Le traitement enzymatique ex vivo peut éliminer l’antigène du groupe sanguin dans les poumons du donneur et rendre ainsi le greffon universel. © Université de Colombie-Britannique (Canada)

Une greffe compatible avec tous les patients grâce à des enzymes

Avant de greffer un organe, les médecins doivent s'assurer qu'il est bien compatible avec le receveur pour éviter tout rejet du greffon. Le groupe sanguin du donneur doit être compatible avec celui du receveur - en plus du typage HLA. Pour les patients porteurs d'un groupe sanguin rare, comme B- ou AB+, l'attente peut être très longue, au détriment de leur état de santé. Pour contrer ce problème, les chercheurs canadiens ont développé une technique pour se débarrasser des antigènes du groupe sanguin A exprimés par les globules rouges présents sur une greffe de poumon.

L'opération se déroule ex vivo, hors de l'organisme, sous un dôme de plastique. Le greffon est perfusé avec un cocktail de deux enzymes : la FpGalNAc désacétylase et la FpGalactosaminidase. « Ce groupe d'enzymes que nous avons trouvé dans l'intestin humain peut couper les sucres des antigènes A et B sur les globules rouges, les convertissant en cellules universelles de type O », explique Stephen Withers, membre de l'équipe de recherche affiliée à l'université de Colombie-Britannique à Vancouver. 

L'objectif de ces tests préliminaires est de s'assurer que le cocktail d'enzymes élimine bien les antigènes A sur les hématies et qu'elles n'endommagent pas le greffon. Les enzymes, concentrées seulement à 1µg/ml, ont permis d'éliminer 99 % et 90 % des antigènes A des hématies et de l'aorte, respectivement. Au total, huit poumons ont subi le même traitement, fournissant des résultats prometteurs : en moyenne 97 % des antigènes A éliminés après quatre heures de traitement, sans toxicité observable.

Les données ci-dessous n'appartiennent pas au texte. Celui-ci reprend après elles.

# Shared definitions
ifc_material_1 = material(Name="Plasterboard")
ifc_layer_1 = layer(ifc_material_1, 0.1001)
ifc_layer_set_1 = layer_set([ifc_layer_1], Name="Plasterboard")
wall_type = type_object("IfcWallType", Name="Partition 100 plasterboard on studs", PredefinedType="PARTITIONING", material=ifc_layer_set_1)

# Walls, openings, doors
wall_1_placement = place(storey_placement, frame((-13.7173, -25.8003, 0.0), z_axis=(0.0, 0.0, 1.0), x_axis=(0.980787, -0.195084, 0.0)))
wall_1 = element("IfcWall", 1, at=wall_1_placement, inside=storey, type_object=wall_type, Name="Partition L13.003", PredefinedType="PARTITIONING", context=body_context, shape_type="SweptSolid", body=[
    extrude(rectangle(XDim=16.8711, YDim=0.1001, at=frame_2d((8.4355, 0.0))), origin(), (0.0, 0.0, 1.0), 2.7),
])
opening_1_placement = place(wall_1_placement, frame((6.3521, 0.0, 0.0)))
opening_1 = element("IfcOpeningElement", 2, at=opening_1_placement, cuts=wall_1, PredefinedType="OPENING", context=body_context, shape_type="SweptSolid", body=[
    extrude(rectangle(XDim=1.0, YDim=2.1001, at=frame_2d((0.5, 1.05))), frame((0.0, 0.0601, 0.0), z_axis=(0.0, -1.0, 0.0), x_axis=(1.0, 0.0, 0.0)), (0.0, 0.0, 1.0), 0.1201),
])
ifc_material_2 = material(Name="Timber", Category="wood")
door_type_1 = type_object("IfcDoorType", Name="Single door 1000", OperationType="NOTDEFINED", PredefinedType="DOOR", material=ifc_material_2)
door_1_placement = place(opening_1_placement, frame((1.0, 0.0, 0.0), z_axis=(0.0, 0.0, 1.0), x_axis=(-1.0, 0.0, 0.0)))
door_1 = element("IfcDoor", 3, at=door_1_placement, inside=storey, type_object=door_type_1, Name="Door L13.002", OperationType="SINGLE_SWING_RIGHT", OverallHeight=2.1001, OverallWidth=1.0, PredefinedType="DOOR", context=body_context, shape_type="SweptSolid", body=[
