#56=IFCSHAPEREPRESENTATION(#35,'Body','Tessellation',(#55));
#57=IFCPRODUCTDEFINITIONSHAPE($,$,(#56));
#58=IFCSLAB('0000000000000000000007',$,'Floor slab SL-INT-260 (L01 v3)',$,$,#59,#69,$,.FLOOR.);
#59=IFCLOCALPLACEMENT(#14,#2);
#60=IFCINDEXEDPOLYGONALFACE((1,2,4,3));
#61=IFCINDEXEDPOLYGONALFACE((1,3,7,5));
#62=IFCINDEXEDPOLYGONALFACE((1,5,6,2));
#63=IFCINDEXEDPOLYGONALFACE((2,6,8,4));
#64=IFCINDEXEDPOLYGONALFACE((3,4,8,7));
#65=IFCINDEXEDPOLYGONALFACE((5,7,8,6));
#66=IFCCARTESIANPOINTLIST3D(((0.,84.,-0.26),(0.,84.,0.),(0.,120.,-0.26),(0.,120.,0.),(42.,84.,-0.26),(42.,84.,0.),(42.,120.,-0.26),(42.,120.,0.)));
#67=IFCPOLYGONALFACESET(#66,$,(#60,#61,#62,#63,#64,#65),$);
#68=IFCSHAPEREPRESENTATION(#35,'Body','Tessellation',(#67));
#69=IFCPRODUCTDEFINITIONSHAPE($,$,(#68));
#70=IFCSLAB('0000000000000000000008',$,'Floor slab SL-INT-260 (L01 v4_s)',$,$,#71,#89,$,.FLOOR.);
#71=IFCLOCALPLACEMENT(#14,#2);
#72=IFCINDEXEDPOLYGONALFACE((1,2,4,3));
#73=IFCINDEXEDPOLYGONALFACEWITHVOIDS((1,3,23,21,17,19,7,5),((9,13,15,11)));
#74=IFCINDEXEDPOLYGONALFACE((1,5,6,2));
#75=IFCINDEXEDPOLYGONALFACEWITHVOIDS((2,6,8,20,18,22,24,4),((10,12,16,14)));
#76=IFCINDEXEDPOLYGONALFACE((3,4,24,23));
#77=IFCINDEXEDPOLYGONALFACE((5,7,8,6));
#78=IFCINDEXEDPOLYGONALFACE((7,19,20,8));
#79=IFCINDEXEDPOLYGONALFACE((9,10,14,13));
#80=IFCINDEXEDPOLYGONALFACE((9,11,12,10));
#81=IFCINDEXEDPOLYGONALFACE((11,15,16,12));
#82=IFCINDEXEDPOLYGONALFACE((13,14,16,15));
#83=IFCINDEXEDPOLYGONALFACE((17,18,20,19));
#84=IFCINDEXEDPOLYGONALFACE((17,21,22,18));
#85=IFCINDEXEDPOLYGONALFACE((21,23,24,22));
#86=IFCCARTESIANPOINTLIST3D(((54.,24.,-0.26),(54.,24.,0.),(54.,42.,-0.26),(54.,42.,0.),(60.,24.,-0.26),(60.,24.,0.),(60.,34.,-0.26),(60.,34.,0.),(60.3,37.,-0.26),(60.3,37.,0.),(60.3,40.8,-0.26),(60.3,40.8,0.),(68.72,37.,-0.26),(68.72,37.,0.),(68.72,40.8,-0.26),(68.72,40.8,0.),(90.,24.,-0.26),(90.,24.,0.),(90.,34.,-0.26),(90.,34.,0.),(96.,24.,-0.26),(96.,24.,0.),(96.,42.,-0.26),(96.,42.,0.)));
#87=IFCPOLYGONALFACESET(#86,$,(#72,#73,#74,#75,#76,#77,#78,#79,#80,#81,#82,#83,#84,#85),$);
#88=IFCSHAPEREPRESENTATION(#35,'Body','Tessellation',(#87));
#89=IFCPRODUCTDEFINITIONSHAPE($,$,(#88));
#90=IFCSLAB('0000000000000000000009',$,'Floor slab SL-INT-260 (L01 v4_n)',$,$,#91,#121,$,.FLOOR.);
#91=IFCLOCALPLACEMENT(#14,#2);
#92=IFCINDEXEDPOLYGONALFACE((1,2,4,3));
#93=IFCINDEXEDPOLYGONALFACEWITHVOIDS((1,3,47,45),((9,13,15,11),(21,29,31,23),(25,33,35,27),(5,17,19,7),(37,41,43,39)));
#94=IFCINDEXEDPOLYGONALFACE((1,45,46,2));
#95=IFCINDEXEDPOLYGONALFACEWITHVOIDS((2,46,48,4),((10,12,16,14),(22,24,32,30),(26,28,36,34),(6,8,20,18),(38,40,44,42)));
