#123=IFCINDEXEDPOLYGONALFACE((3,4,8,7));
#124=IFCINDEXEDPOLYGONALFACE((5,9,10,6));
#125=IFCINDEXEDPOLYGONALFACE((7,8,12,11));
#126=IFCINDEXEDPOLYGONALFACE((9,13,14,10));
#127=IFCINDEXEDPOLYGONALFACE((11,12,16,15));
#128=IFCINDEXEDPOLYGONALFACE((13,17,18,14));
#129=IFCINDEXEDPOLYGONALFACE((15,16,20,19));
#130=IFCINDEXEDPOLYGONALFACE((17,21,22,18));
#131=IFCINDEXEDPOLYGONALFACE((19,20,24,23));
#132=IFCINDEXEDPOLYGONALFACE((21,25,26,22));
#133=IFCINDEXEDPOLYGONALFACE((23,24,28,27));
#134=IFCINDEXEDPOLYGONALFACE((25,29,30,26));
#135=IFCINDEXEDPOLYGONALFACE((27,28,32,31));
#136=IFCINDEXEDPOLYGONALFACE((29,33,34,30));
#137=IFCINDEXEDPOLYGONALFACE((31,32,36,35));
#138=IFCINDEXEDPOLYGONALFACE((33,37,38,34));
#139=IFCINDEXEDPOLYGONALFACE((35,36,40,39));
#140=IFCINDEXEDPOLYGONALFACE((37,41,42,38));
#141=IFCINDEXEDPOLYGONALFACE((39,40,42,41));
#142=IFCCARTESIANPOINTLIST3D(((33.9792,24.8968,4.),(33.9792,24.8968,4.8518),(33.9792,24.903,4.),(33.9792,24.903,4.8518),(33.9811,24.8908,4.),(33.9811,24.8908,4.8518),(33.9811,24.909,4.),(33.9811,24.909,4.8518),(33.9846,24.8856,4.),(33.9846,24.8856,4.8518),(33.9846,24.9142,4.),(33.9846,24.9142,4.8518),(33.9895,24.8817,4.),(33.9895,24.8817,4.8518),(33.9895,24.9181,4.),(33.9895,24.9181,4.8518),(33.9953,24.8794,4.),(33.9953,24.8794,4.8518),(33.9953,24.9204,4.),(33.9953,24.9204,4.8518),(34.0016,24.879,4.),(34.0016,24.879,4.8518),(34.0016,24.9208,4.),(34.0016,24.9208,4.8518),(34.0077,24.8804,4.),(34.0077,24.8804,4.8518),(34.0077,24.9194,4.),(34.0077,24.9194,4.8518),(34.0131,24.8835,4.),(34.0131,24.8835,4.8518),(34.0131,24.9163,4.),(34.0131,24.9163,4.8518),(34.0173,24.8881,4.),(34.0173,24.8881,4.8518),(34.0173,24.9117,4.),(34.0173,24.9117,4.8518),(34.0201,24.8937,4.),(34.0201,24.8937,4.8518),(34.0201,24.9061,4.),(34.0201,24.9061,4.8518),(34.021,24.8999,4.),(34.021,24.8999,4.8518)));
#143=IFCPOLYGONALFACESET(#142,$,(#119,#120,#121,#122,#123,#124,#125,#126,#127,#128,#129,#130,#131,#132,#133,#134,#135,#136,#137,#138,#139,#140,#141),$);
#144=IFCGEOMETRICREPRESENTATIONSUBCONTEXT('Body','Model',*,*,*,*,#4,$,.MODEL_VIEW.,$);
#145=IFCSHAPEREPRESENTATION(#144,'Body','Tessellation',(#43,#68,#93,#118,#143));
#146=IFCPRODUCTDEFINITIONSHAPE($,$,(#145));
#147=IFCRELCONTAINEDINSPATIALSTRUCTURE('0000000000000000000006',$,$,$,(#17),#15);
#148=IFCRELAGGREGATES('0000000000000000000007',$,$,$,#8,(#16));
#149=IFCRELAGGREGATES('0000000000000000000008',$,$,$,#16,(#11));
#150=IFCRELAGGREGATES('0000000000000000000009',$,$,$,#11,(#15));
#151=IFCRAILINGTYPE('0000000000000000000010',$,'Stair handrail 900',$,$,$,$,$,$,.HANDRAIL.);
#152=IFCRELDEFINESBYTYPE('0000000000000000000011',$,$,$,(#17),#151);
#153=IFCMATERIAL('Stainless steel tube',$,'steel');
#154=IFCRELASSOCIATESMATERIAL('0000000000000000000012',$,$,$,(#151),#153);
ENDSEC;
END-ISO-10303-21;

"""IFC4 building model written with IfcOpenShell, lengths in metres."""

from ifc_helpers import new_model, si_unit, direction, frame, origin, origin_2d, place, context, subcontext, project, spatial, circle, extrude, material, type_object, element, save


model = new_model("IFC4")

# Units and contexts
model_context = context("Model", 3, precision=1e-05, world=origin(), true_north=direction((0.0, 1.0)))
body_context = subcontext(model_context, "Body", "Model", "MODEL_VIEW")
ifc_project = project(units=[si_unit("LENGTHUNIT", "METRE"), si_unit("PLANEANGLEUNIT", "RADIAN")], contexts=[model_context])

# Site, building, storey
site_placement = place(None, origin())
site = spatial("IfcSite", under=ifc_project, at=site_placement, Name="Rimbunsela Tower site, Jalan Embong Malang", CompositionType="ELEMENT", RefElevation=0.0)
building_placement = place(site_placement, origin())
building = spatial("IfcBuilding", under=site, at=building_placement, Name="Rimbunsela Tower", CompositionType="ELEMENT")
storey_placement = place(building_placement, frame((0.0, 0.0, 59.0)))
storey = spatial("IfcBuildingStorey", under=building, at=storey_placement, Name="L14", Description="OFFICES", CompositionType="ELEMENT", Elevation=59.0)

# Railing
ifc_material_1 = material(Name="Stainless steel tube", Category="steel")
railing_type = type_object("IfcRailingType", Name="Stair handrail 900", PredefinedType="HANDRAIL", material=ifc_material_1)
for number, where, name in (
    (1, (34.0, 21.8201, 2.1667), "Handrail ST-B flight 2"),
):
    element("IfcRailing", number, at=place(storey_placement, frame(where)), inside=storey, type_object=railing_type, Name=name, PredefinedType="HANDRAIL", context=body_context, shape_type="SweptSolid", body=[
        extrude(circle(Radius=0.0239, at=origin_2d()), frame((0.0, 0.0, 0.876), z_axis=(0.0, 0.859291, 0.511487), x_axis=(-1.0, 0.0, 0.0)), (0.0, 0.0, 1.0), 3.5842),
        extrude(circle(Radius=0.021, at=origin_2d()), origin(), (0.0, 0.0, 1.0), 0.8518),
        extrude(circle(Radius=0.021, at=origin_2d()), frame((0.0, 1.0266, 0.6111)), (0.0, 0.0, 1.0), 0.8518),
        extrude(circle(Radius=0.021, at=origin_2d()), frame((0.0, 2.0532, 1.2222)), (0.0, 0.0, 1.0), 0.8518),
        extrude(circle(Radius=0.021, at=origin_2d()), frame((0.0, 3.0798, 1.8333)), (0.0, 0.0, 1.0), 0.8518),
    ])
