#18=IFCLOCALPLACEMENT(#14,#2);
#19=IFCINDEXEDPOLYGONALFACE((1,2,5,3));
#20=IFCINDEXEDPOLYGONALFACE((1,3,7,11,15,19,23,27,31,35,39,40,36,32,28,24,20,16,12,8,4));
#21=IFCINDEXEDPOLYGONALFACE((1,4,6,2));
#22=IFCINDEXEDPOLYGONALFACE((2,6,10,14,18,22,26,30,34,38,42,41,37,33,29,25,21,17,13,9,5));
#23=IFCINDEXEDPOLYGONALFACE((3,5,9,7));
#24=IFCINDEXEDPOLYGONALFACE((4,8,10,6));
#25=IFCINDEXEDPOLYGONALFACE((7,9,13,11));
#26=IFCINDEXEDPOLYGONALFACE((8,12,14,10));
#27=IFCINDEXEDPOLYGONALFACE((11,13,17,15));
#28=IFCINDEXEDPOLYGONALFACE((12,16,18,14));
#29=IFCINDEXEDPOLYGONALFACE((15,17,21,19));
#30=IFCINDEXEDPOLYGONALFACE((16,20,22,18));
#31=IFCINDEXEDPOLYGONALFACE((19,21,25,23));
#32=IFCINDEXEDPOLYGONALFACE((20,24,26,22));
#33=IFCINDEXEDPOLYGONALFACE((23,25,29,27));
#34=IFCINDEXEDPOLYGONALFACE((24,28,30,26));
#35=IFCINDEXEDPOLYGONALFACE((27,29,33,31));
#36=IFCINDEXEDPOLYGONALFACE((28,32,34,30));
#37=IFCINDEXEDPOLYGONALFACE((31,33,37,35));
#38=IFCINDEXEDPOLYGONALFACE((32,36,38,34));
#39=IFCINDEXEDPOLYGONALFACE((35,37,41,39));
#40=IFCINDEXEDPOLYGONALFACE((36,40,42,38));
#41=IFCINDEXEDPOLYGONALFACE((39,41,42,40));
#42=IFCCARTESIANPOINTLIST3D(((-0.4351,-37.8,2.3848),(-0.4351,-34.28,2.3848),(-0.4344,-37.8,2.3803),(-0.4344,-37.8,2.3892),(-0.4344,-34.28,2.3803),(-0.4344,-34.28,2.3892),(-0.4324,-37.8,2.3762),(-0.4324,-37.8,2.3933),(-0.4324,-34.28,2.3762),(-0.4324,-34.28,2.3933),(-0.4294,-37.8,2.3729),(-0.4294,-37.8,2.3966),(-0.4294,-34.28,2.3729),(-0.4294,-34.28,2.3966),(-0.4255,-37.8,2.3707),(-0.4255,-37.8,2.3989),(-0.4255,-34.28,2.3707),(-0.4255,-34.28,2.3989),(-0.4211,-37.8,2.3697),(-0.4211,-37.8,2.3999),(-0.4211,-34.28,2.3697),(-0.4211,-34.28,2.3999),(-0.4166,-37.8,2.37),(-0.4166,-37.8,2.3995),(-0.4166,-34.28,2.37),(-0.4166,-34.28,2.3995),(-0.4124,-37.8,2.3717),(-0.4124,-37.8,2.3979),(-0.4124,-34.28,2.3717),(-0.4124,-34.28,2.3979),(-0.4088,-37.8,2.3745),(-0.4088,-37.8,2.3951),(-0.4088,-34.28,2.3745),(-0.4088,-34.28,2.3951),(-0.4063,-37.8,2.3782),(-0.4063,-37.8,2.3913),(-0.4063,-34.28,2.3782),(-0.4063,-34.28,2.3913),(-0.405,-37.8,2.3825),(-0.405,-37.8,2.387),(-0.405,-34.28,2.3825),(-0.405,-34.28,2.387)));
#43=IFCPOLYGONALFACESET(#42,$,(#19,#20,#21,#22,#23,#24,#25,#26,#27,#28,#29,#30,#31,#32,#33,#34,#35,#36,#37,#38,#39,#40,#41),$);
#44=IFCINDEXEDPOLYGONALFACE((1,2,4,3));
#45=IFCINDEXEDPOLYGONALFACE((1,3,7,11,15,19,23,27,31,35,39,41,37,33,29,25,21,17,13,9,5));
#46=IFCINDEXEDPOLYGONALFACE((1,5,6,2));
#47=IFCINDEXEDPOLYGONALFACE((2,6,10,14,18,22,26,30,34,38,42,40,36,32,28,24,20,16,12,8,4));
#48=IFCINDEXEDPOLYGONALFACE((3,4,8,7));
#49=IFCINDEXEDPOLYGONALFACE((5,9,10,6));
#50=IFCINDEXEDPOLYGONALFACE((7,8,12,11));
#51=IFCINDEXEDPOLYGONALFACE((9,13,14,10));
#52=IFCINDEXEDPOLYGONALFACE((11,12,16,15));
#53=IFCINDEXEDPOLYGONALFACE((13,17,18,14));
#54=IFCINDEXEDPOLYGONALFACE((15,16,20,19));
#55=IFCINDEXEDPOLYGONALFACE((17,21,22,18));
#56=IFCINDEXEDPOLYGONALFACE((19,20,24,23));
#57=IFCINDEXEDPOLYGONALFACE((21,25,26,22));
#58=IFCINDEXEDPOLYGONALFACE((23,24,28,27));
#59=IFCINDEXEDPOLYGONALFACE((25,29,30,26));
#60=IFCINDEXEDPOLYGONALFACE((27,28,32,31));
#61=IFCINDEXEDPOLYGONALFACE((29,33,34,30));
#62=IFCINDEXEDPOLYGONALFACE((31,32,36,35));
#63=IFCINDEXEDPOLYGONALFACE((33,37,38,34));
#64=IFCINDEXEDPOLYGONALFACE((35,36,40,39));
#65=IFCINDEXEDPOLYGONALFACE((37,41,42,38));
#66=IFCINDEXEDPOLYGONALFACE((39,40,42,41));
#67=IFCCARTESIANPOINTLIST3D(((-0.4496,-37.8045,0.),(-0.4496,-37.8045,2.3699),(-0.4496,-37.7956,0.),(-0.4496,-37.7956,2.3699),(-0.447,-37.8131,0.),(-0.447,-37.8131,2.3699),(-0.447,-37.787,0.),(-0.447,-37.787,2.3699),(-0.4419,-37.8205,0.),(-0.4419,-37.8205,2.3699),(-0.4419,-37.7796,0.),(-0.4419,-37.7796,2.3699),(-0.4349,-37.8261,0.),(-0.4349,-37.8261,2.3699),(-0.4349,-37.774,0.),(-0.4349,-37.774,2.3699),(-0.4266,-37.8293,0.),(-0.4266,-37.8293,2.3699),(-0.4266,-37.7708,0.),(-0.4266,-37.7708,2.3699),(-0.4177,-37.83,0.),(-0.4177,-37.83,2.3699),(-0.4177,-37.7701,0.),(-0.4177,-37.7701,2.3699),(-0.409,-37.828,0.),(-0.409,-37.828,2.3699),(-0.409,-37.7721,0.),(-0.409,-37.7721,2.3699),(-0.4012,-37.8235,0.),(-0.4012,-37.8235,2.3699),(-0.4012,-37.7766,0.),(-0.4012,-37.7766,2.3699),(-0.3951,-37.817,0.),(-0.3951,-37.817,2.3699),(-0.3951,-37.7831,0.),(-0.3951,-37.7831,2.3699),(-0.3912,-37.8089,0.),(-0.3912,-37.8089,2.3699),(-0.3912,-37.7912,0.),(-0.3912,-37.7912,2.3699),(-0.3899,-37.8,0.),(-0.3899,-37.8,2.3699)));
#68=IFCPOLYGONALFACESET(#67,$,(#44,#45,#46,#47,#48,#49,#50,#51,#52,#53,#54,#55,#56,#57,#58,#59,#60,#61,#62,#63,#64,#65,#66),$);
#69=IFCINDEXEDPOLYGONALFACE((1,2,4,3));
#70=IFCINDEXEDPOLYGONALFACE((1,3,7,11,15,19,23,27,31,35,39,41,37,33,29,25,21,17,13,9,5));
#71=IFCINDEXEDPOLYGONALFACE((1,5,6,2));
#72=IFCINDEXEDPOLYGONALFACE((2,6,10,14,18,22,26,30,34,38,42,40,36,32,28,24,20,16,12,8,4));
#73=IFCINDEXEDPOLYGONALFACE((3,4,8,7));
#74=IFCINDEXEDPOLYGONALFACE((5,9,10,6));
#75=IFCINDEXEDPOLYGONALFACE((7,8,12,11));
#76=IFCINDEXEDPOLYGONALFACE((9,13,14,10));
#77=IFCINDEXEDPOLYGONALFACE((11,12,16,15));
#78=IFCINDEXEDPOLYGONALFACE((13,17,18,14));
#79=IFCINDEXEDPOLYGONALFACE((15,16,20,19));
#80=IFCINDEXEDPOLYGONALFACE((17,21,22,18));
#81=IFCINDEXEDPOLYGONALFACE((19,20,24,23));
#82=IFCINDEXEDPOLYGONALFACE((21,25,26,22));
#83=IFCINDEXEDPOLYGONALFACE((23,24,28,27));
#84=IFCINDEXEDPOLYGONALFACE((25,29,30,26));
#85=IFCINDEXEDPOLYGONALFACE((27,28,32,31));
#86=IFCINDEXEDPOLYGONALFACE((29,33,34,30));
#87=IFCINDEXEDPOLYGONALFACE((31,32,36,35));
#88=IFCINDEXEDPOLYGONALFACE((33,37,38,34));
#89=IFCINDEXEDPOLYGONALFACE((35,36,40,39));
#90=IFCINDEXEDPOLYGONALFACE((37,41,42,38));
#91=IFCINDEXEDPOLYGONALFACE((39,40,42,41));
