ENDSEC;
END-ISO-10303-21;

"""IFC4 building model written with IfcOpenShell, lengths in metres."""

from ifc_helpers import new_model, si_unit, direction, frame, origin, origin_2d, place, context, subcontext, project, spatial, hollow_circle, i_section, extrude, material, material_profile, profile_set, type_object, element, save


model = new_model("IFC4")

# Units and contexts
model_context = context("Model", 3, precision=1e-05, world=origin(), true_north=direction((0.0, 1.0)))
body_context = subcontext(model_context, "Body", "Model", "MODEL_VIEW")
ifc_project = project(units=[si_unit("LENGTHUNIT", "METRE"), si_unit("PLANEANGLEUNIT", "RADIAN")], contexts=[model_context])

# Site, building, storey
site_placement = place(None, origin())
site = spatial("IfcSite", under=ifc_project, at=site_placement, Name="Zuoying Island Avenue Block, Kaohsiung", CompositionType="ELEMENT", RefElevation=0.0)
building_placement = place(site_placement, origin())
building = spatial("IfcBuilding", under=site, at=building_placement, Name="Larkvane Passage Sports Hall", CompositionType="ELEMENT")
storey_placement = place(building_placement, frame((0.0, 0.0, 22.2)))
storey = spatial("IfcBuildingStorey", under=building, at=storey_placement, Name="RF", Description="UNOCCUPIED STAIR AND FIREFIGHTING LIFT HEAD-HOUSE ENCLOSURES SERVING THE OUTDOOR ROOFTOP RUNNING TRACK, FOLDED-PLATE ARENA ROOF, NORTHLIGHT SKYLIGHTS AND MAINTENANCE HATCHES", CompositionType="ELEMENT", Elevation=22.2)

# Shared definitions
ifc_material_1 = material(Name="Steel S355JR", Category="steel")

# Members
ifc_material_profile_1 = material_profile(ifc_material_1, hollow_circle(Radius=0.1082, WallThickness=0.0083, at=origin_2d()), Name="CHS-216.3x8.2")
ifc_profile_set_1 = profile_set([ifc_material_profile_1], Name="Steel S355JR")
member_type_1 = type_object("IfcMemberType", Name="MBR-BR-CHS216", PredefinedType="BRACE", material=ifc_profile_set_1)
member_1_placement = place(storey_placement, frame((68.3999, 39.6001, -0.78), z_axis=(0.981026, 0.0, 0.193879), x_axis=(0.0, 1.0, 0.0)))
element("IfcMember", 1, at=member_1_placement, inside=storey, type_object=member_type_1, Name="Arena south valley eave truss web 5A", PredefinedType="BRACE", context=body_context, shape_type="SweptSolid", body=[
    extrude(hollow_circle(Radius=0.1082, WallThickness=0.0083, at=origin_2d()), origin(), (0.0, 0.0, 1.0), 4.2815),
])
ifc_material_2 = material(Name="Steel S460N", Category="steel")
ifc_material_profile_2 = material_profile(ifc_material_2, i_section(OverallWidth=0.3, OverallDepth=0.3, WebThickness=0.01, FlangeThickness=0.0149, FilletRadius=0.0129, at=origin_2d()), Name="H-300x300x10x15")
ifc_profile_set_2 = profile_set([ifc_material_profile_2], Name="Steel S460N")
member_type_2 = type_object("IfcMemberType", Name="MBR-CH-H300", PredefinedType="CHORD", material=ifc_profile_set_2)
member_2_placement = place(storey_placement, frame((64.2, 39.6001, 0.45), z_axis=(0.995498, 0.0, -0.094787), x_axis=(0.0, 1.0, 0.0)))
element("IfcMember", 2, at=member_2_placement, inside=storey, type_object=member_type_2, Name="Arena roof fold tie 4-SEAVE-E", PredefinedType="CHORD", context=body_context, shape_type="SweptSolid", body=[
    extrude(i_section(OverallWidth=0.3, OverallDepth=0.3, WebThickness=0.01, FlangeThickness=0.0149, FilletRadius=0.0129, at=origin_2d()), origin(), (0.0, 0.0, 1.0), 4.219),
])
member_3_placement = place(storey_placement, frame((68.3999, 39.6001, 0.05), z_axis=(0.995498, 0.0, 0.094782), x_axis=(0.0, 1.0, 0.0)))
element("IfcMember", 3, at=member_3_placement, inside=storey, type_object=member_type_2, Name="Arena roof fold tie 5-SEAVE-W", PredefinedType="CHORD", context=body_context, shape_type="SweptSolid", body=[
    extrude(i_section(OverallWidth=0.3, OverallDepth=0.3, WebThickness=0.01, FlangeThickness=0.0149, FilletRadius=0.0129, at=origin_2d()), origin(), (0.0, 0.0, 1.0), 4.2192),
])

Sans antigène de surface, le greffon apparaît comme du groupe sanguin O, et devient virtuellement universel, compatible avec tous les groupes sanguins. Aucun humain n'a encore été greffé avec un organe traité par ce protocole, il reste donc beaucoup d'inconnues sur la viabilité de l'organe et la réaction de l'organisme. Mais les chercheurs ont simulé une greffe entre des personnes normalement incompatibles. La perfusion de sang du groupe O dans le poumon autrefois du groupe A - mais désormais rendu universel - n'a provoqué aucune réaction néfaste. 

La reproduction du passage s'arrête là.